Em 2010 o INPI criou a Coordenação de Fomento e Registro de IG. Com isso, a concessão de registros de IG, que demorava 2,5 anos, em média, caiu para dois anos e agora já chega a 1,2 ano. Para se ter uma ideia, até meados de 2011 só existiam oito registros e, em 2012, já totalizaram 30 registros. A meta é chegar a 18 meses.
A comprovação de IP é mais fácil. Mesmo assim é preciso consultar a bibliografia disponível sobre o local para provar que ali há aquela tradição. Já a DO precisa ser provada por meio de testes, análises. Um dos trabalhos do INPI é fomentar as IGs, repassando para as regiões o que deve ser feito.
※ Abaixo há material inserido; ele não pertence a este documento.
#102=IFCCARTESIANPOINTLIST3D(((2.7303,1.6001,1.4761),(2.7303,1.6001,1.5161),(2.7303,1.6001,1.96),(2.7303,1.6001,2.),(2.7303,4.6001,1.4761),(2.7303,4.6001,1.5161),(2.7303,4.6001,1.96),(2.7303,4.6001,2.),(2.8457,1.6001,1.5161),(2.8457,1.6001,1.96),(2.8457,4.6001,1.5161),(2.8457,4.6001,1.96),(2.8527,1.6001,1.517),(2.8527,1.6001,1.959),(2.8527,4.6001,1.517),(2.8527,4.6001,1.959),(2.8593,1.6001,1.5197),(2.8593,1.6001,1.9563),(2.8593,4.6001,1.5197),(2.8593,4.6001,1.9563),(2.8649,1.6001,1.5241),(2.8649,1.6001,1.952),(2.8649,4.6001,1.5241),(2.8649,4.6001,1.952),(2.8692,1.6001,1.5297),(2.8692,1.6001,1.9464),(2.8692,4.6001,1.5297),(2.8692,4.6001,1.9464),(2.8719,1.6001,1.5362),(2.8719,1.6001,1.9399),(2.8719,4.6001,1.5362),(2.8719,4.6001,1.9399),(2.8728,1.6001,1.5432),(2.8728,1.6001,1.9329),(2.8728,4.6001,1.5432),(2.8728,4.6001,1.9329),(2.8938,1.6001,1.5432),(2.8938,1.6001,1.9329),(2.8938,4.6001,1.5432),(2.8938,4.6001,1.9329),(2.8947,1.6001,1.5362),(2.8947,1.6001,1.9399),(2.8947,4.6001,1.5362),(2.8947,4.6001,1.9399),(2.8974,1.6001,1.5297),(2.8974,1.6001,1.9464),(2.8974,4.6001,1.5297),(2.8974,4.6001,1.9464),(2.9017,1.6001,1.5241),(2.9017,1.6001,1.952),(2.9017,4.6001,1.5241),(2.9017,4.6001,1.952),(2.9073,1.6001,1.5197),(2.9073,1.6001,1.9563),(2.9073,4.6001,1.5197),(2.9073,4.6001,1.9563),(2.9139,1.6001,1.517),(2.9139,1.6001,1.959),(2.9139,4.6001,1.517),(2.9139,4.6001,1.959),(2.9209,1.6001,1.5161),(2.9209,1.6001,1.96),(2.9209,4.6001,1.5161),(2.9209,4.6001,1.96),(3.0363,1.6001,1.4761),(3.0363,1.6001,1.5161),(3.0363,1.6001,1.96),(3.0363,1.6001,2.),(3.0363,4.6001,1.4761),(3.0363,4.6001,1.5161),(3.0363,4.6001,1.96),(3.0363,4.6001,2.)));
O INPI quer que a IG passe a ser objeto de política pública, como uma ferramenta para manter o homem no campo e melhorar sua renda, valorizar os produtos e oferecer opções diferenciadas para o consumidor. O Brasil tem um potencial enorme – cerca de duas centenas – para proteger produtos de origem determinada. Outra meta do INPI é estabelecer uma taxa única de registros (que englobe o pedido de entrada e a concessão) e a agregação de mecanismos de financiamento, como acontece com os projetos do Sebrae. Outro objetivo do instituto é criar uma rede de órgãos públicos que se empenhe na fiscalização da produção, pois assim será possível, com a responsabilidade compartilhada do produtor e uma certificação terceirizada, classificar alguns produtos como orgânicos.